A Biased Nonnegative Block Term Tensor Decomposition Model for Dynamic QoS Prediction

arXiv:2605.04813v2 Announce Type: replace Abstract: With the rapid development of cloud computing and Web services, Quality of Service (QoS) has become a key criterion for service selection and recommendation. Tensor latent feature analysis provides an effective way to model multidimensional QoS data, and most existing QoS prediction methods are mainly based on Canonical Polyadic (CP) decomposition or Tucker decomposition. However, constrained by their inherent structural properties, these methods cannot accurately capture the complex and dynamic dependencies in user-service interactions, which limits their prediction performance.

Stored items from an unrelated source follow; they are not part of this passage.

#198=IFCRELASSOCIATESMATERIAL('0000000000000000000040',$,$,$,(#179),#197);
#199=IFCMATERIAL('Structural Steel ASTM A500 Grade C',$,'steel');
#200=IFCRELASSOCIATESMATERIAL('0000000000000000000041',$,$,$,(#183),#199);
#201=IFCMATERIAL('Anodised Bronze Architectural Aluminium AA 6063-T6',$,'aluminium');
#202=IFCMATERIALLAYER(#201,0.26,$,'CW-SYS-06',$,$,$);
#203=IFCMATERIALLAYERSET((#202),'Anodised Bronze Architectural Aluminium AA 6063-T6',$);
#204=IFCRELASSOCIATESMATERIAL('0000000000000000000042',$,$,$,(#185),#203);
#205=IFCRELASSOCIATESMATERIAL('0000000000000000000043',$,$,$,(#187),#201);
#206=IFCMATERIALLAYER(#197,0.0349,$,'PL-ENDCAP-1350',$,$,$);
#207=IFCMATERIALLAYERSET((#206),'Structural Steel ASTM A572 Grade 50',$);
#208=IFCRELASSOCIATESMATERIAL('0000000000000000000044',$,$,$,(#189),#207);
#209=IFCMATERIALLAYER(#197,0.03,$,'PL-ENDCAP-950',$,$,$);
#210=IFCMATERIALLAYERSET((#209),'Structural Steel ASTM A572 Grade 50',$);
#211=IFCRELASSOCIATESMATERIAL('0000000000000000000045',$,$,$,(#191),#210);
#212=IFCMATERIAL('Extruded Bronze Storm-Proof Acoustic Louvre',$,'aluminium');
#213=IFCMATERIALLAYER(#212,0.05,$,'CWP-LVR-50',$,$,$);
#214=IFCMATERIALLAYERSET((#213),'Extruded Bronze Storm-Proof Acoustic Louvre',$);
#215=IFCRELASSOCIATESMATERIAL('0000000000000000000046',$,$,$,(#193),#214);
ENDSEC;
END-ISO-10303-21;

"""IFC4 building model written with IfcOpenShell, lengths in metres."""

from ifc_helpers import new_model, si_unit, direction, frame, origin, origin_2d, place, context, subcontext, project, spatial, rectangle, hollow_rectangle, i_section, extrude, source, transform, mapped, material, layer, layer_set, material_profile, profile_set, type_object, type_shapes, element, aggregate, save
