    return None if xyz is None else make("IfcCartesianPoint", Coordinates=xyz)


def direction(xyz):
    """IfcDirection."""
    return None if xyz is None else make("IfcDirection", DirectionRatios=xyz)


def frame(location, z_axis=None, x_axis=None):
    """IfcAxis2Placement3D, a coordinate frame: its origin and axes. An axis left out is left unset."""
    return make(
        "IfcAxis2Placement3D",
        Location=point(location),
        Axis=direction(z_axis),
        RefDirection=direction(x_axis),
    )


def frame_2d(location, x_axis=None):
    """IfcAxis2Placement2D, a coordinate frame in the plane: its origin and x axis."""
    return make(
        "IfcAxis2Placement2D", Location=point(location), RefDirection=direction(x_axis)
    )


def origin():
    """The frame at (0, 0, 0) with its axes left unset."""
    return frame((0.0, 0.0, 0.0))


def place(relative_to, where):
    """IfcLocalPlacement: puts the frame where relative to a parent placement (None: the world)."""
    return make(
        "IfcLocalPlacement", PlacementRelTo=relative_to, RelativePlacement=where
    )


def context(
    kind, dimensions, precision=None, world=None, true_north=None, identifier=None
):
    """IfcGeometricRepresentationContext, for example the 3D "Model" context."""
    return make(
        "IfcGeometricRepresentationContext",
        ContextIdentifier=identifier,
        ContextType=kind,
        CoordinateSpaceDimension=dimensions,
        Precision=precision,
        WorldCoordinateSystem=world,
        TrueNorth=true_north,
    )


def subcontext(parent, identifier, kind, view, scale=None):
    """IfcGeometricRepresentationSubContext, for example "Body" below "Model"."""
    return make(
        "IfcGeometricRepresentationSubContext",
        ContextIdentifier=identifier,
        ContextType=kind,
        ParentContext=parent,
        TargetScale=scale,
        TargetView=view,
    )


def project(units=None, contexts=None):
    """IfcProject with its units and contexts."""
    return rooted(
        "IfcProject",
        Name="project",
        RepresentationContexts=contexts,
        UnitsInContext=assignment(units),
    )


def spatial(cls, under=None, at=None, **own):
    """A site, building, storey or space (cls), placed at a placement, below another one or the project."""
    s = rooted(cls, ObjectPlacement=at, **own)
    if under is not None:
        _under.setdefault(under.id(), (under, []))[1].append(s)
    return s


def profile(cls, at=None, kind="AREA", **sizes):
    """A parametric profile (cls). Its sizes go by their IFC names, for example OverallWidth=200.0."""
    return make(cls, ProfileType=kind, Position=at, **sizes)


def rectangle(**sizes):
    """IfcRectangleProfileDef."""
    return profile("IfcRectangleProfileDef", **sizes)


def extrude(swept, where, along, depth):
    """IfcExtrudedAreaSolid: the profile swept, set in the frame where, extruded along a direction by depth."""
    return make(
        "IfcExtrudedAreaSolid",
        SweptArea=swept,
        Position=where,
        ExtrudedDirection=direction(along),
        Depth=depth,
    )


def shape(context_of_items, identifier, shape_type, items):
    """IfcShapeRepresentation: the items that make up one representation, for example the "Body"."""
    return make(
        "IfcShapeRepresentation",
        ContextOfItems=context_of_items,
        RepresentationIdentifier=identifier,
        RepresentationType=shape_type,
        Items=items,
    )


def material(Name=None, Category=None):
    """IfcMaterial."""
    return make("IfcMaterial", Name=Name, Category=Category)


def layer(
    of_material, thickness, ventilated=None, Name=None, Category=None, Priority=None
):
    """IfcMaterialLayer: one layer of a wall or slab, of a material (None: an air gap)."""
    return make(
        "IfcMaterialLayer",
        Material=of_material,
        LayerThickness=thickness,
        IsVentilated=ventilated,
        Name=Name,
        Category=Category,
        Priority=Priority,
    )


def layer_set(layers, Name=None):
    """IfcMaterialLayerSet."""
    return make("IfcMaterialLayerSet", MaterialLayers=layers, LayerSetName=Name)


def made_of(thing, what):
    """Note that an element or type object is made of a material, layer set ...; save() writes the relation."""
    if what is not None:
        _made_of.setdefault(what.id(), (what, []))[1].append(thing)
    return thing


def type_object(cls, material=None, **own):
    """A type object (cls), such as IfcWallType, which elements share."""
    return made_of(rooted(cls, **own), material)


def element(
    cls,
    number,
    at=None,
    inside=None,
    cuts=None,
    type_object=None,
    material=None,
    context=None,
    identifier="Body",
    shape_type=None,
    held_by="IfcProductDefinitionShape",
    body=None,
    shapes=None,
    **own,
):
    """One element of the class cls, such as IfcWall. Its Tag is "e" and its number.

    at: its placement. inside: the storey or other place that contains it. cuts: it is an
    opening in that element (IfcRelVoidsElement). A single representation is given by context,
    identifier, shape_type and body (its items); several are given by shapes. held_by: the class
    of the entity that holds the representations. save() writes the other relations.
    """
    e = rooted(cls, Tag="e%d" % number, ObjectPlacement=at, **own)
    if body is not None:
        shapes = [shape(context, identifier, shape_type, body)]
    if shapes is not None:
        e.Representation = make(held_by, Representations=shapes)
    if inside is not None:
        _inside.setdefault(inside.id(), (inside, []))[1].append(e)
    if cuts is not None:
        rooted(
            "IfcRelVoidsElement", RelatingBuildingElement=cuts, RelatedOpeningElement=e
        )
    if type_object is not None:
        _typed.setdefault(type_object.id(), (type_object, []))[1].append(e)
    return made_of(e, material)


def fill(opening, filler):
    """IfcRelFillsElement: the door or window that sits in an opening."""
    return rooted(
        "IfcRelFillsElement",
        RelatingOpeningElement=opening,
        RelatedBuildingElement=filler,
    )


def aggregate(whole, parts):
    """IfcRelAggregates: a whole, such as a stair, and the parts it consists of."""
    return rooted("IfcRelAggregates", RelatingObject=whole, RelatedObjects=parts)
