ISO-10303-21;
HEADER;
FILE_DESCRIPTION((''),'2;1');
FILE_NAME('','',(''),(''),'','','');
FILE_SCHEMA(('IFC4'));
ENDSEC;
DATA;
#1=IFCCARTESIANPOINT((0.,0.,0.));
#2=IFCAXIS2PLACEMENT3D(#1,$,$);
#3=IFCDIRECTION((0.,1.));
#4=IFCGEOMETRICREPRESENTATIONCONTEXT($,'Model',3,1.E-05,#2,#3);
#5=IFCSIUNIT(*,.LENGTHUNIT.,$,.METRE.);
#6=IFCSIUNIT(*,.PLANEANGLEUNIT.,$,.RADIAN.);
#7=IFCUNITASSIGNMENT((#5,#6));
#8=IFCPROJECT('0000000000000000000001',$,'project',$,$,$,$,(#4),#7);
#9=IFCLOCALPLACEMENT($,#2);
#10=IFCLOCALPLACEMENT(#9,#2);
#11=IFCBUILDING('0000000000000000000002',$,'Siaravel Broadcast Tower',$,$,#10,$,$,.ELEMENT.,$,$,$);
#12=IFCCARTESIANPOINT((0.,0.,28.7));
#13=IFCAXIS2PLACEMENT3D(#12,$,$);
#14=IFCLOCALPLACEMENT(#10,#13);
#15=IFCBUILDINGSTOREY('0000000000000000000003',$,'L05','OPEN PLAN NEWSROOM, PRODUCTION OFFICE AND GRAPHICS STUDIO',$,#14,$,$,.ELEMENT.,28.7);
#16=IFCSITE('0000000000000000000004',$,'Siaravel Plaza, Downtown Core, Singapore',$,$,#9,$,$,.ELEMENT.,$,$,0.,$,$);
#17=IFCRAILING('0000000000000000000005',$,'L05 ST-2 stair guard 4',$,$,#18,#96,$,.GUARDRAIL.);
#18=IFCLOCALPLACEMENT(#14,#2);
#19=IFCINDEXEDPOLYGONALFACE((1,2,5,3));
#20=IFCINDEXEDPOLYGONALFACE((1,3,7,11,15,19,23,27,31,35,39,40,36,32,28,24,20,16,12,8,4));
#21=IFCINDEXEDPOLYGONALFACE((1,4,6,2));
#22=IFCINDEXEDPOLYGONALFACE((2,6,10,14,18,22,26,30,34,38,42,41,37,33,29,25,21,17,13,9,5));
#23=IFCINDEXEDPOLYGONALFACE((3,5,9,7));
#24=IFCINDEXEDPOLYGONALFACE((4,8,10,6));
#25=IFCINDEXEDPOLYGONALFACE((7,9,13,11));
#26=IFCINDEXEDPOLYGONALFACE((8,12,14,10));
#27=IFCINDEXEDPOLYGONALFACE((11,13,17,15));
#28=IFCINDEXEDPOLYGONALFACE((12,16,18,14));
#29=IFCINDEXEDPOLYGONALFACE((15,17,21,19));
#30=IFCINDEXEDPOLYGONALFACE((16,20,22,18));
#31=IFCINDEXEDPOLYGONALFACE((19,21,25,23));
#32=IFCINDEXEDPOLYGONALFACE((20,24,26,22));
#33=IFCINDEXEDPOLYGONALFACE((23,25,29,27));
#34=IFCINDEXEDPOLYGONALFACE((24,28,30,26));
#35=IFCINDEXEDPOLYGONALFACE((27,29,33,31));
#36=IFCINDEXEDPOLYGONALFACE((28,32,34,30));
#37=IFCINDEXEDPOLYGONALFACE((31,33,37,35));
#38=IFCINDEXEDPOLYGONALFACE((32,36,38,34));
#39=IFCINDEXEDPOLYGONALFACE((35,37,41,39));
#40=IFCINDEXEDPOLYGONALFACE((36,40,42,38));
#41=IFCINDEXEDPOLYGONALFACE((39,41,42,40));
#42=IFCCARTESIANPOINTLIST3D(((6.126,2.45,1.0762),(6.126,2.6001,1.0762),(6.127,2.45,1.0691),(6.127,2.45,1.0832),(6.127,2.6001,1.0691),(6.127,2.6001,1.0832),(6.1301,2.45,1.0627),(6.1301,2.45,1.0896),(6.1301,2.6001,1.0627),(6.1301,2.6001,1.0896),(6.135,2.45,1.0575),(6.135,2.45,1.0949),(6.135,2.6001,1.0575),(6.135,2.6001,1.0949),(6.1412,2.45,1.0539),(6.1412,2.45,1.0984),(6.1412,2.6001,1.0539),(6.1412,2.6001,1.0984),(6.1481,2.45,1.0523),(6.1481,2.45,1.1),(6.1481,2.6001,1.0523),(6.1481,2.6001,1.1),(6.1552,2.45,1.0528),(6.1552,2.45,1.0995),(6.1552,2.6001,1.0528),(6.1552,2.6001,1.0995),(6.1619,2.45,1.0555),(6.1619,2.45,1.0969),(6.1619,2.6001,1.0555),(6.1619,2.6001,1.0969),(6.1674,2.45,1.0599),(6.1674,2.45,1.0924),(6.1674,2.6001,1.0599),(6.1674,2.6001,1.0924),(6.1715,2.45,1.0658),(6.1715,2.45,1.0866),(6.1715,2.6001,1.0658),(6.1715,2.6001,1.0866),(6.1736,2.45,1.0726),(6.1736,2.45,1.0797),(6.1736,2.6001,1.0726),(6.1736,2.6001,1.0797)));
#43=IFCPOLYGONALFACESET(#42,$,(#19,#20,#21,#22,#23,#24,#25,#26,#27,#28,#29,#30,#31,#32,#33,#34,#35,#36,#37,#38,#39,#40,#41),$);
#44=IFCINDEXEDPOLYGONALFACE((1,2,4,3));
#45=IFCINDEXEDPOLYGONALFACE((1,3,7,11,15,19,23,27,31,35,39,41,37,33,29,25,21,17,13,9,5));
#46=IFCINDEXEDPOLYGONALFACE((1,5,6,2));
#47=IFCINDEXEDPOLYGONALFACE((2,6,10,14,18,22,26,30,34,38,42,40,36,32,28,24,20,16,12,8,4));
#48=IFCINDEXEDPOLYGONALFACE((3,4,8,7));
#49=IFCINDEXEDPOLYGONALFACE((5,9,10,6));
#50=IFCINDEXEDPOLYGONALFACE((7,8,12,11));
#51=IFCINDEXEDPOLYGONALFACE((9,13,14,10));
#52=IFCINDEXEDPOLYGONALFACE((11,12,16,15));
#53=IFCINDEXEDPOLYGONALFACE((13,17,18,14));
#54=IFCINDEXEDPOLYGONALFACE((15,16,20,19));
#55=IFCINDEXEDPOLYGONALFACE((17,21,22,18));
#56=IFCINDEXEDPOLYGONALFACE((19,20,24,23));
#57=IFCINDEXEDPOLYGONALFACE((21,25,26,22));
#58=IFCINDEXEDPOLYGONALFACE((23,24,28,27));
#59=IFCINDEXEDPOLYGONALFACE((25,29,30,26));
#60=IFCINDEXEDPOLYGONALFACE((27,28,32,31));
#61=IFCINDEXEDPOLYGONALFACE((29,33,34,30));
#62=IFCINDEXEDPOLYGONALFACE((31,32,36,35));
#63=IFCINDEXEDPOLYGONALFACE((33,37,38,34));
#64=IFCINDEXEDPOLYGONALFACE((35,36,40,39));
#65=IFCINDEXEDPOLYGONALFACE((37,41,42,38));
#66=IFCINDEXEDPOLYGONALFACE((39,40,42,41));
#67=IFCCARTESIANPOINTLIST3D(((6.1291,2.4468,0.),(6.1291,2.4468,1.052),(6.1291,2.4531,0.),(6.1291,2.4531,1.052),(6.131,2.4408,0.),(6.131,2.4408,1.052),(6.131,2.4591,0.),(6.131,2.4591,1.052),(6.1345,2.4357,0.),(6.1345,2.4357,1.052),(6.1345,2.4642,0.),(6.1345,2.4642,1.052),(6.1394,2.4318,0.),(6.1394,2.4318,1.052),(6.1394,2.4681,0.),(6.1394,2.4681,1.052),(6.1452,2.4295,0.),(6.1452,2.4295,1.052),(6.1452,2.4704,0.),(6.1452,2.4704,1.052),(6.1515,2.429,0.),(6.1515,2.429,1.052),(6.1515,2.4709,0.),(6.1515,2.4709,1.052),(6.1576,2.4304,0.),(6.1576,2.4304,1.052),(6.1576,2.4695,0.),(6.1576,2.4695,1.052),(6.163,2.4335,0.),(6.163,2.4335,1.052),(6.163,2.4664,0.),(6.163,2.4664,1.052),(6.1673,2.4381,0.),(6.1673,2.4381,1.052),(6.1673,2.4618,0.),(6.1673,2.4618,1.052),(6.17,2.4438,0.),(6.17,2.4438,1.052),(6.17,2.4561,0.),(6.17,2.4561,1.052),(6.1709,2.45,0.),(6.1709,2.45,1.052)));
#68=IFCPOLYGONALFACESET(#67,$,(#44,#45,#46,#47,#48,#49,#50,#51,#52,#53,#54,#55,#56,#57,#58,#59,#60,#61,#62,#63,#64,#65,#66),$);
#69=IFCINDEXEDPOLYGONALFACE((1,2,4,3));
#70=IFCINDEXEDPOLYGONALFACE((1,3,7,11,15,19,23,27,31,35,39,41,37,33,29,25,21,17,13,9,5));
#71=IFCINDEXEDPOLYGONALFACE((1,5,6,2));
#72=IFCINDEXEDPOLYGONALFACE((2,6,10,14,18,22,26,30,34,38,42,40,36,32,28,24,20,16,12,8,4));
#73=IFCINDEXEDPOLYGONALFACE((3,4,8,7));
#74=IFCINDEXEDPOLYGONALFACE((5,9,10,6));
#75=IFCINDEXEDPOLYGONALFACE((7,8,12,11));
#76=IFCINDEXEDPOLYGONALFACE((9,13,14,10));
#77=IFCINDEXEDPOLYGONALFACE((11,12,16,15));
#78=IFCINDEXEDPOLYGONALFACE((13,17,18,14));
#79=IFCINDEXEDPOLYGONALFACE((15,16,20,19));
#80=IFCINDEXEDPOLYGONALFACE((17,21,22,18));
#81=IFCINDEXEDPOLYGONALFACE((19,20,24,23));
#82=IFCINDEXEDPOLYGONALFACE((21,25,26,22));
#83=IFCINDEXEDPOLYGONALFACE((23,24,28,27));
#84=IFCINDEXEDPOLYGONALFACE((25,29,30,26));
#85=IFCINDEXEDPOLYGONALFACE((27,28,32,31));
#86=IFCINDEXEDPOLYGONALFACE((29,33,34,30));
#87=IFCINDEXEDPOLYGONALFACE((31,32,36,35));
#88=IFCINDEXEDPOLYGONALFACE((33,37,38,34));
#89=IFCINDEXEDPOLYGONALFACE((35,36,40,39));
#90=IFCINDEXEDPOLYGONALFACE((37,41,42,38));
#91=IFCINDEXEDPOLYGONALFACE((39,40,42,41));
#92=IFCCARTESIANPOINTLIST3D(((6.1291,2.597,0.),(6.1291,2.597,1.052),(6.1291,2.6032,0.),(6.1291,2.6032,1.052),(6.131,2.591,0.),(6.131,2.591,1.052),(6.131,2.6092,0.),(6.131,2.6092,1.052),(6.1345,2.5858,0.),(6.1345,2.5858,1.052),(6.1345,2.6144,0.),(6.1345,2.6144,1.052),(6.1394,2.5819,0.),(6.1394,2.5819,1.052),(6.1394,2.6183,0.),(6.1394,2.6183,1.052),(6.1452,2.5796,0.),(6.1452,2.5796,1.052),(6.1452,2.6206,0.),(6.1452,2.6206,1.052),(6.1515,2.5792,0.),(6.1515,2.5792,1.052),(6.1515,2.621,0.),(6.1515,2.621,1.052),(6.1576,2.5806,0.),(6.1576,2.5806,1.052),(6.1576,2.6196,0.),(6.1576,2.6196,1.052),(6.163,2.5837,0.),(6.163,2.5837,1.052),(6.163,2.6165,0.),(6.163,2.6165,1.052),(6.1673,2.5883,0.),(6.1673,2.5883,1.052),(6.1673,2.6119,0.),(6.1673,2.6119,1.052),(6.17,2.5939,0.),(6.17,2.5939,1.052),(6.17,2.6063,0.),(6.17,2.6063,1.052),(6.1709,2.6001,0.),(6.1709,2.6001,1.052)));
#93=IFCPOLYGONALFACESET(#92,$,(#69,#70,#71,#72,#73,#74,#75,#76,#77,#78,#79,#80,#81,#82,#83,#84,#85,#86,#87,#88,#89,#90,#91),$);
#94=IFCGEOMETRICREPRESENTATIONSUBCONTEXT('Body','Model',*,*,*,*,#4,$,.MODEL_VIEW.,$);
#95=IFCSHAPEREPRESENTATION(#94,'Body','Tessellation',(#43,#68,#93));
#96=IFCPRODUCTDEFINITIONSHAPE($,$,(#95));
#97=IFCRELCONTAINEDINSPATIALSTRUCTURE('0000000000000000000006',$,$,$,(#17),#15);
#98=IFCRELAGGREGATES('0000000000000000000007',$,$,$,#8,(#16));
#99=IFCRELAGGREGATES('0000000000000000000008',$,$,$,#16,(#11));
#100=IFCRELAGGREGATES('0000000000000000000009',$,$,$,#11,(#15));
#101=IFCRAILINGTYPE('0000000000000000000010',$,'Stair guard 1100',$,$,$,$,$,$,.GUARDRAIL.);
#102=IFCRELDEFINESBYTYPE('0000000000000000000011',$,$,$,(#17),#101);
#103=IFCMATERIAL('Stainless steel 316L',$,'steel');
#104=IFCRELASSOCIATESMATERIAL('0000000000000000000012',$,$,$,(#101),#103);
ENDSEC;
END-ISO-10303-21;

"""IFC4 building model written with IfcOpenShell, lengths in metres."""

from ifc_helpers import new_model, si_unit, direction, frame, origin, origin_2d, place, context, subcontext, project, spatial, circle, extrude, material, type_object, element, save


model = new_model("IFC4")

# Units and contexts
model_context = context("Model", 3, precision=1e-05, world=origin(), true_north=direction((0.0, 1.0)))
body_context = subcontext(model_context, "Body", "Model", "MODEL_VIEW")
ifc_project = project(units=[si_unit("LENGTHUNIT", "METRE"), si_unit("PLANEANGLEUNIT", "RADIAN")], contexts=[model_context])

# Site, building, storey
site_placement = place(None, origin())
site = spatial("IfcSite", under=ifc_project, at=site_placement, Name="Siaravel Plaza, Downtown Core, Singapore", CompositionType="ELEMENT", RefElevation=0.0)
building_placement = place(site_placement, origin())
building = spatial("IfcBuilding", under=site, at=building_placement, Name="Siaravel Broadcast Tower", CompositionType="ELEMENT")
storey_placement = place(building_placement, frame((0.0, 0.0, 28.7)))
storey = spatial("IfcBuildingStorey", under=building, at=storey_placement, Name="L05", Description="OPEN PLAN NEWSROOM, PRODUCTION OFFICE AND GRAPHICS STUDIO", CompositionType="ELEMENT", Elevation=28.7)

# Railing
ifc_material_1 = material(Name="Stainless steel 316L", Category="steel")
railing_type_1 = type_object("IfcRailingType", Name="Stair guard 1100", PredefinedType="GUARDRAIL", material=ifc_material_1)
railing_1_placement = place(storey_placement, frame((6.1499, 2.45, 0.0)))
element("IfcRailing", 1, at=railing_1_placement, inside=storey, type_object=railing_type_1, Name="L05 ST-2 stair guard 4", PredefinedType="GUARDRAIL", context=body_context, shape_type="SweptSolid", body=[
    extrude(circle(Radius=0.0239, at=origin_2d()), frame((0.0, 0.0, 1.0762), z_axis=(0.0, 1.0, 0.0), x_axis=(-1.0, 0.0, 0.0)), (0.0, 0.0, 1.0), 0.1501),
    extrude(circle(Radius=0.021, at=origin_2d()), origin(), (0.0, 0.0, 1.0), 1.052),
    extrude(circle(Radius=0.021, at=origin_2d()), frame((0.0, 0.1501, 0.0)), (0.0, 0.0, 1.0), 1.052),
])

save(model, "model.ifc")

To address this issue, this paper proposes a dynamic QoS prediction framework based on the Biased Nonnegative Block Term Tensor Decomposition Model, termed BNBT. Specifically, the proposed framework is developed from three aspects: (1) block term tensor decomposition is employed to enhance the representation capability of latent feature learning; (2) linear bias terms are incorporated to further improve prediction accuracy; and (3) a tensor-oriented single-element-dependent nonnegative multiplicative update algorithm, called SLF-NMUT, is designed for efficient parameter estimation. Extensive experiments on real-world QoS datasets demonstrate that the proposed BNBT framework consistently outperforms several state-of-the-art QoS prediction methods in terms of prediction accuracy.